Die letzte Idee gefällt mir besonders gut. Ich werde in den kommenden Tagen neben den Meditationserfahrungen aufmerksam sein für das, was mir entgegenkommt. Es wird etwas sein, bei dem mein Herz eine zustimmende Bewegung macht. Es wird sich anfühlen wie Ankommen und es wird sich jeder Bewertung entziehen. Es kann ein Blick in den Sternenhimmel sein, muss es aber nicht. Aber es mag sich so ähnlich anfühlen.

Dir wird also in den nächsten Wochen etwas begegnen das sich anfühlt wie ein Gruß und Entgegenkommen aus dem Paradies. Du wirst es dir nicht erdacht oder ausgesucht haben. Es kann sogar sein, dass es dir sehr vertraut ist, weil es schon immer bei dir war. Dir ist es nur nie aufgefallen, weil du deine Aufmerksamkeit nicht dahin gelenkt hast.
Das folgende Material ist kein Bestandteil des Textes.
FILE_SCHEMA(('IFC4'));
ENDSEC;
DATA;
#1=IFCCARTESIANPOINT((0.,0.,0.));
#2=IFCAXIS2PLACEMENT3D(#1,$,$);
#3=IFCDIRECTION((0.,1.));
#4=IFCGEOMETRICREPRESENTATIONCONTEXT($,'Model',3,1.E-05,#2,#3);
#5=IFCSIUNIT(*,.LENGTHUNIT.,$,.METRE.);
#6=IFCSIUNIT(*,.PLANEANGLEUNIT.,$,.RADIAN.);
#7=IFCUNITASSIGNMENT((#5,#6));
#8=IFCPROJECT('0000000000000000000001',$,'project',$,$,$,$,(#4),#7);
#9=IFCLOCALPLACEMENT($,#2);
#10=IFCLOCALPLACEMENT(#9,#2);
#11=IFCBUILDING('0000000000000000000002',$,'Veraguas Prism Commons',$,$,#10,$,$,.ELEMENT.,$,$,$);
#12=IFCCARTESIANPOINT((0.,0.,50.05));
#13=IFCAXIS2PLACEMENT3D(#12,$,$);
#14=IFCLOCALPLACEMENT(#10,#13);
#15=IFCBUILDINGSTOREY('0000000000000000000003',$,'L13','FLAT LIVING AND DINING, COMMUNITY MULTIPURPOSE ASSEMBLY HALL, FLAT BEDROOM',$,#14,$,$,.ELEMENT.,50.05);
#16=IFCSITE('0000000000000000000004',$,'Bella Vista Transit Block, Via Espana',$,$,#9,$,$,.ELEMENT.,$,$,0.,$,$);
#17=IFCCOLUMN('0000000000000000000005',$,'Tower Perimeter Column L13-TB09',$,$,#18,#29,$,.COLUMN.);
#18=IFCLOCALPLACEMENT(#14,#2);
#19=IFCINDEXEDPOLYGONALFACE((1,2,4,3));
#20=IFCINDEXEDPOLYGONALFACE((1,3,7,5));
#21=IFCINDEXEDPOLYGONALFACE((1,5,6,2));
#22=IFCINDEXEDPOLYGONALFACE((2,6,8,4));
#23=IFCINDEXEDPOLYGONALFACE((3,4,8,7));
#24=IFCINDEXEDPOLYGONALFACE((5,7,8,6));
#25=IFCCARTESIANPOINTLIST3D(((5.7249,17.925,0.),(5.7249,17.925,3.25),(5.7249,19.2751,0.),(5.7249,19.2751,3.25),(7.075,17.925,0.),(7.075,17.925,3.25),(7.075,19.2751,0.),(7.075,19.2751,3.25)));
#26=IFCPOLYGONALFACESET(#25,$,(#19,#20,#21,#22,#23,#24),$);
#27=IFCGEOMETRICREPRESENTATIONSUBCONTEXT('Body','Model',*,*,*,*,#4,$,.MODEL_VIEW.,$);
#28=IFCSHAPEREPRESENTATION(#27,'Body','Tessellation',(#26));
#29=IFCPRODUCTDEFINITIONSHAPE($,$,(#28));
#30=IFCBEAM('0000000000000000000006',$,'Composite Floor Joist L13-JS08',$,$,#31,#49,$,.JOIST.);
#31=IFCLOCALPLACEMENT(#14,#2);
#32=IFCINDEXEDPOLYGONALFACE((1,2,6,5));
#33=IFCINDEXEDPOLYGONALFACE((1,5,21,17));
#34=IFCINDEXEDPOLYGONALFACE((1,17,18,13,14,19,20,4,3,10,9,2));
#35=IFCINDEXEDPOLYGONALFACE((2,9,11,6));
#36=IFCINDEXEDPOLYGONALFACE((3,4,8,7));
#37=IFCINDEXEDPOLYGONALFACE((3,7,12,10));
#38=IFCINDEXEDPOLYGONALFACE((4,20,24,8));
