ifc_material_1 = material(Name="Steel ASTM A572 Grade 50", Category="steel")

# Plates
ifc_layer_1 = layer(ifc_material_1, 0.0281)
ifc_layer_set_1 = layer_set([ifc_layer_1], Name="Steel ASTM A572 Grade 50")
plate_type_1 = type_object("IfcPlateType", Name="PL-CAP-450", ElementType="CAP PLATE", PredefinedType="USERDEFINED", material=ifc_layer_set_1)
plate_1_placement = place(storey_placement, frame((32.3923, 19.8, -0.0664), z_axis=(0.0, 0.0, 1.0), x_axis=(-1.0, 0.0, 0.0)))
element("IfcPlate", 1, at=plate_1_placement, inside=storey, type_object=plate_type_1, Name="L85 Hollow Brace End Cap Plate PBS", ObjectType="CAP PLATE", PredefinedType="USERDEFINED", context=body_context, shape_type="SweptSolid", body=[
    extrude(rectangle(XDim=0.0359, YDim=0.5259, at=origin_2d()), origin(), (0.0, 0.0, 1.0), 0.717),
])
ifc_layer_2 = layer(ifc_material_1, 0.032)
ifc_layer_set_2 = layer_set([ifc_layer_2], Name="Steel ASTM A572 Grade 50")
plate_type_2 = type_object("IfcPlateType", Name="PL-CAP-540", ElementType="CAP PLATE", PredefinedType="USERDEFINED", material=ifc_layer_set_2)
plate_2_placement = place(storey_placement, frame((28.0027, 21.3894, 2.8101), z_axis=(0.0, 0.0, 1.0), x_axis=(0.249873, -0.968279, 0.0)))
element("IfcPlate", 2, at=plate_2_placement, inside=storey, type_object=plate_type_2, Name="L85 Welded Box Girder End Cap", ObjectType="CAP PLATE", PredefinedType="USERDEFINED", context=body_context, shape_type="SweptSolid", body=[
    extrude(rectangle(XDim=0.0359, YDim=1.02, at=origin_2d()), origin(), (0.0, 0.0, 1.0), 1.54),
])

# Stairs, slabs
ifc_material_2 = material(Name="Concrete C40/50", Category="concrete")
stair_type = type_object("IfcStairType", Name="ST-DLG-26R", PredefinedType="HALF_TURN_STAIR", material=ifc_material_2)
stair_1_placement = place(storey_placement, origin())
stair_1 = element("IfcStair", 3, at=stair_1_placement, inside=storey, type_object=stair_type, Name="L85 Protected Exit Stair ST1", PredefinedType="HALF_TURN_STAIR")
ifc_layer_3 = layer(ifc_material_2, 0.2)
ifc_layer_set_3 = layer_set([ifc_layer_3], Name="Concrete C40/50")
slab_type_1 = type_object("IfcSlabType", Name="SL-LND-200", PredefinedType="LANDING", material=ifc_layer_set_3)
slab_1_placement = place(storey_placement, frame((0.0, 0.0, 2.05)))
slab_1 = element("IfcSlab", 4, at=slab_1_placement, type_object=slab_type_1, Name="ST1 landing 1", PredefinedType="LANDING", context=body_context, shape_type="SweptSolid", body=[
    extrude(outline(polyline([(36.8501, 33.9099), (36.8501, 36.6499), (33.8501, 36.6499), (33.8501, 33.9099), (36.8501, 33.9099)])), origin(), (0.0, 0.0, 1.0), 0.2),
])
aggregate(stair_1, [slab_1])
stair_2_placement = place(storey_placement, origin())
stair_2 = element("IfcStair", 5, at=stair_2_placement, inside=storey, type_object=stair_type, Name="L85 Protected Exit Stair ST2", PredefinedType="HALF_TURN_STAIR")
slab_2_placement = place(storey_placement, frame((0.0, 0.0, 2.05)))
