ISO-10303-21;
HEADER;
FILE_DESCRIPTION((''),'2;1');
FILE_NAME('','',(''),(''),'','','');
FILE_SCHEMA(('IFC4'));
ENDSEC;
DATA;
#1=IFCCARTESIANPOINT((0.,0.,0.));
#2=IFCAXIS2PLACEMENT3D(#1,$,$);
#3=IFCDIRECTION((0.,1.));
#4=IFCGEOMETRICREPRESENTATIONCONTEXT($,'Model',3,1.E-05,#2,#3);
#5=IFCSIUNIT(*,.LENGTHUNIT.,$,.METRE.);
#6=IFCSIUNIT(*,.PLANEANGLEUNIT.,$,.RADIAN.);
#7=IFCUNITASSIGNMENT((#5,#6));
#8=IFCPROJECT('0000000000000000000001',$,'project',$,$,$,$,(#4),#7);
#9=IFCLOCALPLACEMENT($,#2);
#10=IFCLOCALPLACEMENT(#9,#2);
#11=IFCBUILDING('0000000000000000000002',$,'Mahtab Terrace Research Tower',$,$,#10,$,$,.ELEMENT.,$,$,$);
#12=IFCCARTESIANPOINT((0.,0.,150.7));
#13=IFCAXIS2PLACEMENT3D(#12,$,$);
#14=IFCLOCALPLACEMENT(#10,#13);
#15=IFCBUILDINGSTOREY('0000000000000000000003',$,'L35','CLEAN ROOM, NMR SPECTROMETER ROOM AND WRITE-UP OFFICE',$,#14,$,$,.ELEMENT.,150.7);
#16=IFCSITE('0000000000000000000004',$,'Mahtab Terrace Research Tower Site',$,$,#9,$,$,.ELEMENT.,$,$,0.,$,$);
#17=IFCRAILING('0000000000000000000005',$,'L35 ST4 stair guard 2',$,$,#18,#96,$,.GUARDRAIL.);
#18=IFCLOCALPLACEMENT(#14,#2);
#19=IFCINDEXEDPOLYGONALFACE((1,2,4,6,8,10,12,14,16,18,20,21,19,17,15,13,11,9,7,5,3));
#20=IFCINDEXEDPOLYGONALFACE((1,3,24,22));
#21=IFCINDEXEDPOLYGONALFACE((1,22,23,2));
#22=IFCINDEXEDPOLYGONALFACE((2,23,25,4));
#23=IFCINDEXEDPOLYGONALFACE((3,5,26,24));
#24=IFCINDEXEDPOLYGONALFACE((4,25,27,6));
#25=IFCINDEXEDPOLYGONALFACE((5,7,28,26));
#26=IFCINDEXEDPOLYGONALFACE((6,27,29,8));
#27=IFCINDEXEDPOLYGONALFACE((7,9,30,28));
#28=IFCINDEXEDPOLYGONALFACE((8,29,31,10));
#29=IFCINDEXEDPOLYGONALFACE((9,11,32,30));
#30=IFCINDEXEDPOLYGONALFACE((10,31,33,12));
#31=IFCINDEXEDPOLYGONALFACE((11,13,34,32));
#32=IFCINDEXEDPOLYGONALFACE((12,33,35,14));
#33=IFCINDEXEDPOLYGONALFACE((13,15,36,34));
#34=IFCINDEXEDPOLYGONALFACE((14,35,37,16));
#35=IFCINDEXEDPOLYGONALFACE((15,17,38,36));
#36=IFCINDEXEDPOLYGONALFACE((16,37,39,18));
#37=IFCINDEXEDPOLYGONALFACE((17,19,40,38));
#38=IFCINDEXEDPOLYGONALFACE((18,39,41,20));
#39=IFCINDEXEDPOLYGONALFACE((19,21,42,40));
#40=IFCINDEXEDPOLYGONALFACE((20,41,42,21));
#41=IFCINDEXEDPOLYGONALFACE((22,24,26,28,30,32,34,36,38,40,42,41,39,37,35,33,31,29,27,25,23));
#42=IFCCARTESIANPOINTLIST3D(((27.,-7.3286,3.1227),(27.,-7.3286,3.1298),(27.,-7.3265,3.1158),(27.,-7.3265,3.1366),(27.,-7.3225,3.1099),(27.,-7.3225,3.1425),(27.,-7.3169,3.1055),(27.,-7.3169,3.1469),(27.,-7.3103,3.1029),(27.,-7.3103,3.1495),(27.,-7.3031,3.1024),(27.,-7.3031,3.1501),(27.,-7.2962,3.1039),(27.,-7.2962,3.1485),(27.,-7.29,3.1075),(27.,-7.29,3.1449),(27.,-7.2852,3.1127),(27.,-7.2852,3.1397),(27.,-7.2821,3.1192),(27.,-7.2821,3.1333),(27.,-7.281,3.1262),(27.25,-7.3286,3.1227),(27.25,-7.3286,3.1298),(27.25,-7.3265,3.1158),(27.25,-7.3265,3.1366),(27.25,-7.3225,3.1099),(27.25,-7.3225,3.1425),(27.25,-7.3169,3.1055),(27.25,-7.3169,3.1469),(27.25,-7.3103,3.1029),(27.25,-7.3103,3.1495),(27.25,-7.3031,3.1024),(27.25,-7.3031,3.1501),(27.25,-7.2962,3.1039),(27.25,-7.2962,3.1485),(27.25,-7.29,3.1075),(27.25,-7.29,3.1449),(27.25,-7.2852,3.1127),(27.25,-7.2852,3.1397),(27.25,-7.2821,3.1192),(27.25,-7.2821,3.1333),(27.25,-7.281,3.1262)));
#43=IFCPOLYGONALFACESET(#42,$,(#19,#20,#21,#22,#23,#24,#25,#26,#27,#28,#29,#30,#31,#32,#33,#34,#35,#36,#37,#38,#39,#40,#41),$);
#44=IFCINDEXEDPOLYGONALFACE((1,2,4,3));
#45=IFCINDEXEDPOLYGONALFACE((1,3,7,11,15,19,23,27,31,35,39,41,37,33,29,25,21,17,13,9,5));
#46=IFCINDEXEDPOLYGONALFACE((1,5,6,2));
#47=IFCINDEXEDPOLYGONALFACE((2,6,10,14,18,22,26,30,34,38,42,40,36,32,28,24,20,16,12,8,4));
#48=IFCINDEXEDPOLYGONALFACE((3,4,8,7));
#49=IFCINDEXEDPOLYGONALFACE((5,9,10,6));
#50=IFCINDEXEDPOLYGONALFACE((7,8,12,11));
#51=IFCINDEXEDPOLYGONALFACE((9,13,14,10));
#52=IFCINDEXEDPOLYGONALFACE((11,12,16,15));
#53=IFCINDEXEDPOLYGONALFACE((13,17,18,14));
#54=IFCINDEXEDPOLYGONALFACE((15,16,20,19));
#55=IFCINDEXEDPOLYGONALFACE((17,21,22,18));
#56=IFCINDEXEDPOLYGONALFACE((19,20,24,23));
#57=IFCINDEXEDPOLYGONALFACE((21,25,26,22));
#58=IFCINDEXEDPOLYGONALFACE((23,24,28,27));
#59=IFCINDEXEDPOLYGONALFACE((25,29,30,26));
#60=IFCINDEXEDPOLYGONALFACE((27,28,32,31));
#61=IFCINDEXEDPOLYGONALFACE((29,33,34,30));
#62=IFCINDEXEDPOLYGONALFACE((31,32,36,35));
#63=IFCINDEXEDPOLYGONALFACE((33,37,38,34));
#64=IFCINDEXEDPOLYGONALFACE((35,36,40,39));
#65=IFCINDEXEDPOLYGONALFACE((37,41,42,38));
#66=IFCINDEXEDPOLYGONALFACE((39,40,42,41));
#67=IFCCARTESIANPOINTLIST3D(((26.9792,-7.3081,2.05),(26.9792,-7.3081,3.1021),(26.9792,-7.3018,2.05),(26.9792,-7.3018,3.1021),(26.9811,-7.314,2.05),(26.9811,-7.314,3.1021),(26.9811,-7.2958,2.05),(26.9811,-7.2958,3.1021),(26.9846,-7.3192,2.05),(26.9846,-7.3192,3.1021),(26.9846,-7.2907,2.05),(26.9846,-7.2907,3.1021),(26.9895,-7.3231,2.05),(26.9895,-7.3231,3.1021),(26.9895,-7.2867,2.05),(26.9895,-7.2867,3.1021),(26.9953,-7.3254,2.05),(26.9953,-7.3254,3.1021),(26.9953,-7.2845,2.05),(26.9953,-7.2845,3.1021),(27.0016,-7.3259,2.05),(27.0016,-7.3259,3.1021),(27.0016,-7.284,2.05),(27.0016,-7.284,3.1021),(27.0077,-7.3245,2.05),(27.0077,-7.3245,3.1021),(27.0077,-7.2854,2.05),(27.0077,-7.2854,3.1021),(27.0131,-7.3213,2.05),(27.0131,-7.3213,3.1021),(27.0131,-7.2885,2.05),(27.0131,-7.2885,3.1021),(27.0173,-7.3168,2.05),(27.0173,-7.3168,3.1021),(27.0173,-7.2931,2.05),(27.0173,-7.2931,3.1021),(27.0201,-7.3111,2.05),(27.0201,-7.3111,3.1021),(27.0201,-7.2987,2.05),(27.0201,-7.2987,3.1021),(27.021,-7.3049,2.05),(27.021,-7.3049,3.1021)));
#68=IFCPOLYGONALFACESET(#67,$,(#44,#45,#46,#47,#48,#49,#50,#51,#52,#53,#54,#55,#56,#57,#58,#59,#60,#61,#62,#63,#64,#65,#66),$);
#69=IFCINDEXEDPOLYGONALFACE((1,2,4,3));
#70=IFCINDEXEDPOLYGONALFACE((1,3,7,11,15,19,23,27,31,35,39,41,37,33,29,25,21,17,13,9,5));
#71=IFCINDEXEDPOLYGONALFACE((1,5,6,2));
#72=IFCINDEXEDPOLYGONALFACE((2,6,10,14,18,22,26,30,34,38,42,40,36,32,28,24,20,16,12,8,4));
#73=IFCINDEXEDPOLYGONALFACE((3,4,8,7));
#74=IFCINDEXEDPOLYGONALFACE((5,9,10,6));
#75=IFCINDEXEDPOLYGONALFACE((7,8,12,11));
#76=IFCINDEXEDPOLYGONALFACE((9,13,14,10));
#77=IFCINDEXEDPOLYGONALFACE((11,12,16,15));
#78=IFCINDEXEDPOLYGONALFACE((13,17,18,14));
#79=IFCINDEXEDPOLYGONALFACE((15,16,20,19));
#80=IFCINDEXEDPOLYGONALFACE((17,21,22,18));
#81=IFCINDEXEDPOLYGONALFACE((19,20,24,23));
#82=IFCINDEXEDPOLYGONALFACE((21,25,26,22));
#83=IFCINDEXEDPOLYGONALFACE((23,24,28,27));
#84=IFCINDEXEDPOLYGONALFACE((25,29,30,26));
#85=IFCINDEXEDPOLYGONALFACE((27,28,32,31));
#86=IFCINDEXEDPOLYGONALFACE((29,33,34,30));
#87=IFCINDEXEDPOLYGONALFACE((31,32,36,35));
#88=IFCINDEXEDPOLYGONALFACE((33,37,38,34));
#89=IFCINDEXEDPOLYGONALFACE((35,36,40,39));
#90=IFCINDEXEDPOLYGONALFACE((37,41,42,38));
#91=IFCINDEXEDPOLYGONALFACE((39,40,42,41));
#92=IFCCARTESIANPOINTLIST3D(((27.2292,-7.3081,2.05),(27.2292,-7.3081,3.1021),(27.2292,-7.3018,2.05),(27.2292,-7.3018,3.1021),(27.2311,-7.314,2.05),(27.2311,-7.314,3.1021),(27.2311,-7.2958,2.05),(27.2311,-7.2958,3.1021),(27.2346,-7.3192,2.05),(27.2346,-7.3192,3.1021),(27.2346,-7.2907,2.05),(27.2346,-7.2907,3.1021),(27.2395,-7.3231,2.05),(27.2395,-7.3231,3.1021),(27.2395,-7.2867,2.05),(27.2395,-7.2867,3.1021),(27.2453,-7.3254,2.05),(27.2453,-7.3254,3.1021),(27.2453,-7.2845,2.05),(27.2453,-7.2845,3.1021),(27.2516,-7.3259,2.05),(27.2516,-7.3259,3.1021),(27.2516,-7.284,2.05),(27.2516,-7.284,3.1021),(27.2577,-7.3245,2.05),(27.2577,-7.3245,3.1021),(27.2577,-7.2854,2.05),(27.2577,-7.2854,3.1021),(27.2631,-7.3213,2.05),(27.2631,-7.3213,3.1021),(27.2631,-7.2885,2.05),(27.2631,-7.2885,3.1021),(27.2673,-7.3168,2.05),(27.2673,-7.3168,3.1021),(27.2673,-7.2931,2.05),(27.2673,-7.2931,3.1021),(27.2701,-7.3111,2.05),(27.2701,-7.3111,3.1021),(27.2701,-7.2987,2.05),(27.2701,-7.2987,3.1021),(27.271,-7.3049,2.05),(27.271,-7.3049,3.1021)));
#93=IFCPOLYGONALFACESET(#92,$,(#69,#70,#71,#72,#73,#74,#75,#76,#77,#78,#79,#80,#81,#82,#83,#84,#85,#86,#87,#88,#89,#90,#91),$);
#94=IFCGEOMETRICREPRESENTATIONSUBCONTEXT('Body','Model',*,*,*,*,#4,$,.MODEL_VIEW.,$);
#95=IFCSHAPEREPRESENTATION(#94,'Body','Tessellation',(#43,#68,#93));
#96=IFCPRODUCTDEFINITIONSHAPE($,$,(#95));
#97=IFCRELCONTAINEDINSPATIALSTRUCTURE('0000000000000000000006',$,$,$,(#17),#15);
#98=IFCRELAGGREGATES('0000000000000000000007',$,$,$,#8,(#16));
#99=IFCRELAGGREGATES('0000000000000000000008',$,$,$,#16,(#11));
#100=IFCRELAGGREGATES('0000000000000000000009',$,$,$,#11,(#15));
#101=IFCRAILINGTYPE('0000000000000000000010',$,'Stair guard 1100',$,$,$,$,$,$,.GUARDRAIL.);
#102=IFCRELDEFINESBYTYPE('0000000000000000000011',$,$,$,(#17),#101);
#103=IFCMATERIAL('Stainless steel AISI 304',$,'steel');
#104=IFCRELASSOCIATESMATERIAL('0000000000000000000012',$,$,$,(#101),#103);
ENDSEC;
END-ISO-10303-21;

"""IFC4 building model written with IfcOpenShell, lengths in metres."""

from ifc_helpers import new_model, si_unit, direction, frame, origin, origin_2d, place, context, subcontext, project, spatial, circle, extrude, material, type_object, element, save


model = new_model("IFC4")

# Units and contexts
model_context = context("Model", 3, precision=1e-05, world=origin(), true_north=direction((0.0, 1.0)))
body_context = subcontext(model_context, "Body", "Model", "MODEL_VIEW")
ifc_project = project(units=[si_unit("LENGTHUNIT", "METRE"), si_unit("PLANEANGLEUNIT", "RADIAN")], contexts=[model_context])

# Site, building, storey
site_placement = place(None, origin())
site = spatial("IfcSite", under=ifc_project, at=site_placement, Name="Mahtab Terrace Research Tower Site", CompositionType="ELEMENT", RefElevation=0.0)
building_placement = place(site_placement, origin())
building = spatial("IfcBuilding", under=site, at=building_placement, Name="Mahtab Terrace Research Tower", CompositionType="ELEMENT")
storey_placement = place(building_placement, frame((0.0, 0.0, 150.7)))
storey = spatial("IfcBuildingStorey", under=building, at=storey_placement, Name="L35", Description="CLEAN ROOM, NMR SPECTROMETER ROOM AND WRITE-UP OFFICE", CompositionType="ELEMENT", Elevation=150.7)

# Railing
ifc_material_1 = material(Name="Stainless steel AISI 304", Category="steel")
railing_type_1 = type_object("IfcRailingType", Name="Stair guard 1100", PredefinedType="GUARDRAIL", material=ifc_material_1)
railing_1_placement = place(storey_placement, frame((27.0, -7.3049, 2.05)))
element("IfcRailing", 1, at=railing_1_placement, inside=storey, type_object=railing_type_1, Name="L35 ST4 stair guard 2", PredefinedType="GUARDRAIL", context=body_context, shape_type="SweptSolid", body=[
    extrude(circle(Radius=0.0239, at=origin_2d()), frame((0.0, 0.0, 1.0762), z_axis=(1.0, 0.0, 0.0), x_axis=(0.0, 1.0, 0.0)), (0.0, 0.0, 1.0), 0.25),
    extrude(circle(Radius=0.021, at=origin_2d()), origin(), (0.0, 0.0, 1.0), 1.052),
    extrude(circle(Radius=0.021, at=origin_2d()), frame((0.25, 0.0, 0.0)), (0.0, 0.0, 1.0), 1.052),
])

save(model, "model.ifc")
Corona und andere Viren werden uns vermutlich noch lange begleiten. Sie werden unser Leben einschränken und verändern. Wir werden manches als Verlust empfinden und darunter leiden. Das mag so kommen, aber es muss dich nicht beeindrucken. Richtest du deinen Blick auf die Verluste oder auf das, was dir aus dem Paradies geblieben ist?

Vielleicht ist es für dich auch schon zu spät und du hast dich der Erschöpfung und der Resignation hingegeben. Das fände ich bedauerlich. In jedem Menschen gibt es einen verborgenen Schalter, den er betätigen kann. Die ständigen Verluste betrauern oder sich dem Leben wieder zuwenden. Den Schalter betätigen und dich entscheiden kannst du nur selbst. Das kann dir niemand abnehmen. Für beide Richtungen gibt es genügend berechtigte Gründe.

Ich möchte nicht dauerhaft in einer maskierten Welt leben. Ich möchte in das unverhüllte Angesicht der Menschen sehen dürfen und darin die Ebenbildlichkeit Gottes erkennen. Weil mich das stärkt und weil es für mich ein bleibender Teil aus dem Paradies ist.